Billy Stokes

Playing information
- Position: Fullback, Centre, Five-eighth
Club
| Years | Team | Pld | T | G | FG | P |
| 1940–42 | South Sydney | 15 | 2 | 6 | 0 | 18 |
| 1944–45 | South Sydney | 12 | 0 | 15 | 0 | 30 |
|  | Total | 27 | 2 | 21 | 0 | 48 |

= Billy Stokes =

Australian rugby league player

Billy Stokes was an Australian professional rugby league footballer of the 1940s. He played 5 seasons in the New South Wales Rugby League Premiership - all for South Sydney. He was also the father of former 1960s rugby league player Bill Stokes (who also played for South Sydney).

== Playing career ==
Stokes made his professional rugby league debut in round 12 of 1940 versus Newtown. He kicked a goal, but his side lost 8-37. The following round, he kicked two goals in Souths' 24-22 win over Canterbury-Bankstown. In Round 14, Stokes scored the first try of his career in a win against North Sydney. He also kicked three goals that game, totaling nine points. He finished the season with 1 try and 6 goals (15 points) in 3 appearances.

Stokes did not play much of 1941, only making two appearances. He did not score that season, playing in double-digit losses to Balmain Tigers (Round 13) and the Western Suburbs Magpies (Round 14).

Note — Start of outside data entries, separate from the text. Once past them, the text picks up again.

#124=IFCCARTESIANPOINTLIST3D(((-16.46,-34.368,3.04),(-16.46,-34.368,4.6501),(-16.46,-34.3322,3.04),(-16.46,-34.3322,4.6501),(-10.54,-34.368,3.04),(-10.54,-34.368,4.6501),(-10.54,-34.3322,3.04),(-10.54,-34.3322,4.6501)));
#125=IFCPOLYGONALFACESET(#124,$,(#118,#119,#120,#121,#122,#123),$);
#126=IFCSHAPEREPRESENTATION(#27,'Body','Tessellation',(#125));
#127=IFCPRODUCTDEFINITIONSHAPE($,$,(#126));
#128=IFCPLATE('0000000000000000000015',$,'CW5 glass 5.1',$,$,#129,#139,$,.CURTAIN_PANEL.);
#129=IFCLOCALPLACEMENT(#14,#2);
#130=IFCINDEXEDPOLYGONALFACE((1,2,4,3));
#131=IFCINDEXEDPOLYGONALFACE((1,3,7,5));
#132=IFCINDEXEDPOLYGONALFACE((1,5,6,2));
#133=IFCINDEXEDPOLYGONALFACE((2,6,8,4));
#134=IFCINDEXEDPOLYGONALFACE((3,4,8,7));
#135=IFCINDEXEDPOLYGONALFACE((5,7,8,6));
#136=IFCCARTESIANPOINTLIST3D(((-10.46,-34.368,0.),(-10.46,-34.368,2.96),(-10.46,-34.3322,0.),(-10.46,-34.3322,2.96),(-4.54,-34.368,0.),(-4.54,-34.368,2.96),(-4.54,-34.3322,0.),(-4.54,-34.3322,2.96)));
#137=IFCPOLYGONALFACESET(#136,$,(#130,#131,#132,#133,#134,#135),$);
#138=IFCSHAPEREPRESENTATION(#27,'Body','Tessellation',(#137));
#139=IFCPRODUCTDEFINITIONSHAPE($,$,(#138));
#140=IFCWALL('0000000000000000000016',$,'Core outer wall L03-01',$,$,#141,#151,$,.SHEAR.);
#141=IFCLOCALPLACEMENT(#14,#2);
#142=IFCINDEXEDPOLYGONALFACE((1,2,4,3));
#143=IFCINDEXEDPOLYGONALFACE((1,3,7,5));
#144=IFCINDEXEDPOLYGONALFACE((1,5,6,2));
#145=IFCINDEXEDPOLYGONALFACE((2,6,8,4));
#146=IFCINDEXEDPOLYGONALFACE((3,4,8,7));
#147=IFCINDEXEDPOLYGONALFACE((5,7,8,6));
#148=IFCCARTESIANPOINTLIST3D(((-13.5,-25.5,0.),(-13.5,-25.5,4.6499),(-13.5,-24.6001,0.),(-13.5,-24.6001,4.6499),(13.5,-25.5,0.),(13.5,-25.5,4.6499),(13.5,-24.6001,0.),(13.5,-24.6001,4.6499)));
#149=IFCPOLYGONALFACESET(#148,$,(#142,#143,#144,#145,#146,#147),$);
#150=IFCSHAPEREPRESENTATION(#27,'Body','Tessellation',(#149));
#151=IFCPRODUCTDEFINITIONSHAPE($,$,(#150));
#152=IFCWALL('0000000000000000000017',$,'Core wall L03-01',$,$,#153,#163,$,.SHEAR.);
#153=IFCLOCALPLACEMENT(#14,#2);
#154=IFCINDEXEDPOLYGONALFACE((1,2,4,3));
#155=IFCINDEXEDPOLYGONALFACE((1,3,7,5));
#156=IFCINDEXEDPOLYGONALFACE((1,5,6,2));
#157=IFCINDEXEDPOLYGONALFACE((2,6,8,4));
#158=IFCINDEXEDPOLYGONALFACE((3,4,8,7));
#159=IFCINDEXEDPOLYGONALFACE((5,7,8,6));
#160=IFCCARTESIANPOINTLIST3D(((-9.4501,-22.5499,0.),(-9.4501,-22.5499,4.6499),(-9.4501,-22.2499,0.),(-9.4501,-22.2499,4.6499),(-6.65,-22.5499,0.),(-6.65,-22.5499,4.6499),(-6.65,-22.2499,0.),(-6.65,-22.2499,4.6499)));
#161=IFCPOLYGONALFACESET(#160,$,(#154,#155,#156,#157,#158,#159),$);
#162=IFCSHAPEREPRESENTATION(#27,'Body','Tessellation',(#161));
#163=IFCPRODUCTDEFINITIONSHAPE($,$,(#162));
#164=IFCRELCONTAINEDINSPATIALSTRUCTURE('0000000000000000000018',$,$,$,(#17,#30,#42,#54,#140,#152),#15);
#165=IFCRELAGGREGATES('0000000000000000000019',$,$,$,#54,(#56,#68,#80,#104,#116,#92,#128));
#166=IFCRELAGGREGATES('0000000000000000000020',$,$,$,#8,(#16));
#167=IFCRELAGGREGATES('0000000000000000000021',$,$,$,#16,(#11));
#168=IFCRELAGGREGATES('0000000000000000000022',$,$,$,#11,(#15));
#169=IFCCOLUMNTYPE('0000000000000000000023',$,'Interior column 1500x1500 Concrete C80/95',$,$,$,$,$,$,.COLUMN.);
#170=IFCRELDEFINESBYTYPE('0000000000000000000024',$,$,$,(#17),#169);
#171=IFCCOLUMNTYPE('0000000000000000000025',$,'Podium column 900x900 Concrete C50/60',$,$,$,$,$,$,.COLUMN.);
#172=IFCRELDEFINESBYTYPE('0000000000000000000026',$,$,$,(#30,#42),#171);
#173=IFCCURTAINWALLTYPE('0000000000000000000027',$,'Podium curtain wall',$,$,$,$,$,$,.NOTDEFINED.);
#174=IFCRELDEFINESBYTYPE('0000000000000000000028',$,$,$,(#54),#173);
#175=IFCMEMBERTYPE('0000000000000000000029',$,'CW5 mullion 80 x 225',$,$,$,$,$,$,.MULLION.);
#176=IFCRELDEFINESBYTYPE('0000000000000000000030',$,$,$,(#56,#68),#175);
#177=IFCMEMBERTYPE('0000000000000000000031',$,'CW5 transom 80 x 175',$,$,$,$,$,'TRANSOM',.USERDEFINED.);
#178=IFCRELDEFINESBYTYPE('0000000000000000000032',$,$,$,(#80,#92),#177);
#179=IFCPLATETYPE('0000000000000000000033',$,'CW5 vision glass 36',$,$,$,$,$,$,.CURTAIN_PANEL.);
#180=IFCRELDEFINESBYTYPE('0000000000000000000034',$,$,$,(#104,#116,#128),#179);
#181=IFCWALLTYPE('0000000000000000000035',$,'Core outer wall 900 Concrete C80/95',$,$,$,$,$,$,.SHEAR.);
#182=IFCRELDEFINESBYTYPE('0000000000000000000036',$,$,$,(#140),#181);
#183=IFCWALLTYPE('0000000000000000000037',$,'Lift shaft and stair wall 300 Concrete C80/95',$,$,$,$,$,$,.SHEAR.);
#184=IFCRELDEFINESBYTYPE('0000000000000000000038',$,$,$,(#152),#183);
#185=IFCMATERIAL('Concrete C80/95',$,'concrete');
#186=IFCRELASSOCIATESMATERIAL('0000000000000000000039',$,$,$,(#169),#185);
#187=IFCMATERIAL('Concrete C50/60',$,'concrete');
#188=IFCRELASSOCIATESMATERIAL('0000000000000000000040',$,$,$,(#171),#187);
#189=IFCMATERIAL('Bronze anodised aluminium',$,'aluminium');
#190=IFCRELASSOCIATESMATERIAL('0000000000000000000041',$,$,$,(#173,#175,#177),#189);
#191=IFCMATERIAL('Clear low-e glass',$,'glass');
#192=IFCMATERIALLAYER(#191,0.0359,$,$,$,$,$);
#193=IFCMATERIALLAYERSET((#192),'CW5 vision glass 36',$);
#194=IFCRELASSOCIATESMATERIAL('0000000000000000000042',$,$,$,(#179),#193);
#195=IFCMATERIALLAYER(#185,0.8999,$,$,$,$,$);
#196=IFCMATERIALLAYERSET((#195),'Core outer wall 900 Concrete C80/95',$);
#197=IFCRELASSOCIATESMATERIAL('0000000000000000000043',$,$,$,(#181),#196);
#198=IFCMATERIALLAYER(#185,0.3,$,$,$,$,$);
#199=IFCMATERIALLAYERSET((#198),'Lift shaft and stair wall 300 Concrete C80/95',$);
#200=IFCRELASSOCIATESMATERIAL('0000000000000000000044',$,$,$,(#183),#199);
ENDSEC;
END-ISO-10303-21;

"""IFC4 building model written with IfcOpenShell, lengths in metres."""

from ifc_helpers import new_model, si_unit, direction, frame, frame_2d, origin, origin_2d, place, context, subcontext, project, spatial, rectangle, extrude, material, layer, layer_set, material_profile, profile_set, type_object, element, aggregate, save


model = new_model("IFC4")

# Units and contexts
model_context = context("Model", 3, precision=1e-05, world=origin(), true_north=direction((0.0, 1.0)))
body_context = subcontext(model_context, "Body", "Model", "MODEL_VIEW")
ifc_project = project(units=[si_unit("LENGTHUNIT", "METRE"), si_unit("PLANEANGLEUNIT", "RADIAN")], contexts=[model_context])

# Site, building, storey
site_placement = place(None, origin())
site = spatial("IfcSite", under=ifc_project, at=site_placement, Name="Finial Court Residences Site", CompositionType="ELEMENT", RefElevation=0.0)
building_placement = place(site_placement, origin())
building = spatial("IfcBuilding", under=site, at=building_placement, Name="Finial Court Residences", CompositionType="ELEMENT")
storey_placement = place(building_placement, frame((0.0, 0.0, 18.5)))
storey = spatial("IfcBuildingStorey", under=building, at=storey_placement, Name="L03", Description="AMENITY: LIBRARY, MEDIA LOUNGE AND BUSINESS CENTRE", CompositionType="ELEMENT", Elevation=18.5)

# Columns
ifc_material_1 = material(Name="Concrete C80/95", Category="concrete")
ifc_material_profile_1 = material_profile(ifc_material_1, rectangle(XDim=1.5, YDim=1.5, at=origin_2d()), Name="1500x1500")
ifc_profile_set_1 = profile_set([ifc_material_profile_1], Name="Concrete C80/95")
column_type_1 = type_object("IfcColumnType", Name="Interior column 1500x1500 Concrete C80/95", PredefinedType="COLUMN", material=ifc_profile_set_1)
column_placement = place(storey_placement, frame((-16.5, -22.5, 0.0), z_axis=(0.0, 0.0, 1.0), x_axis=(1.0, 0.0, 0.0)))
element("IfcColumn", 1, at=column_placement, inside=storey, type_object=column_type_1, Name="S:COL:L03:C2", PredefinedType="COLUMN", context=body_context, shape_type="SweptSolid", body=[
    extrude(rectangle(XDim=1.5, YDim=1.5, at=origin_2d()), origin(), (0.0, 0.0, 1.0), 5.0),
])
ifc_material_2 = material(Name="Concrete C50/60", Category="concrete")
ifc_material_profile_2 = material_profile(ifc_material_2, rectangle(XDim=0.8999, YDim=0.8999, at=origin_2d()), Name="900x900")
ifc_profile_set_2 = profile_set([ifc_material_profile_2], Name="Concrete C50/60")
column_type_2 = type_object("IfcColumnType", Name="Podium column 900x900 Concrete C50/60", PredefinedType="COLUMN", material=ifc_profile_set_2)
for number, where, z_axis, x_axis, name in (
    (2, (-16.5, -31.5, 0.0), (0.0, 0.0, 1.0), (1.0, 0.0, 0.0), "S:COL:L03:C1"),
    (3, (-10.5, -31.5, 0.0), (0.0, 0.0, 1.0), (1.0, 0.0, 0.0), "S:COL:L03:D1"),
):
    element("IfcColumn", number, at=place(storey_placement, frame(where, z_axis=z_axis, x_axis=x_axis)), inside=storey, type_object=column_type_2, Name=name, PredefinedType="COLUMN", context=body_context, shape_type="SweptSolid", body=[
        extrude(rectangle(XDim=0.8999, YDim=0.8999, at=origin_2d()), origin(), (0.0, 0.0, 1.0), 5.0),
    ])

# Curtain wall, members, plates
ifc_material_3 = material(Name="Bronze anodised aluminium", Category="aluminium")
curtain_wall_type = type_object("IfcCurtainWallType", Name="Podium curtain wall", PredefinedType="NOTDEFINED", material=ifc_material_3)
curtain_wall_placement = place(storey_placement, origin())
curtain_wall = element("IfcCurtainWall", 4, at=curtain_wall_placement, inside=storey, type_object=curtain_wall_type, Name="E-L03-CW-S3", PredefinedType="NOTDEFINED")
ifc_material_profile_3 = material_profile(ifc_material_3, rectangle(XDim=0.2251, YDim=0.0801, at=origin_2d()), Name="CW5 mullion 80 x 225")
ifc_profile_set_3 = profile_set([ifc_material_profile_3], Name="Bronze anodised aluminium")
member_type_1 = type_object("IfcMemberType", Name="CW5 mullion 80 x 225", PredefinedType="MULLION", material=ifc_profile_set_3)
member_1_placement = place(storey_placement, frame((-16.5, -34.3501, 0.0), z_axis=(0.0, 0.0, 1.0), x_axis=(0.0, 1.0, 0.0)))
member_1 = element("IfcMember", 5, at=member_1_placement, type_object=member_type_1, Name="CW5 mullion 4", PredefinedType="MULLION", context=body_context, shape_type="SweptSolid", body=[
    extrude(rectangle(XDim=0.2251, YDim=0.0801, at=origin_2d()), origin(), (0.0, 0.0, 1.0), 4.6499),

He played nine games in 1942, scoring a try in the second round against Western Suburbs. Stokes also made an appearance in the City Cup, though Souths lost to the St. George Dragons 24-10. Newtown won the City Cup that year.

Stokes did not play the following season. He opened the 1944 season however, with a 5-goal performance in a win against St. George. This time, he played fullback for the whole season - a position he played throughout 1942. He kicked 5 more goals by the season's end, finishing with 10 goals in 5 appearances.

1945 turned out to be Stokes' final season. He played fullback for the first half of the season, before transitioning to five-eighth in his final games. Round 14 - the last round of the season was Stokes' final game. His team was against Balmain, losing 12-29.

He finished his career with a respectable 2 tries and 21 goals in 26 appearances.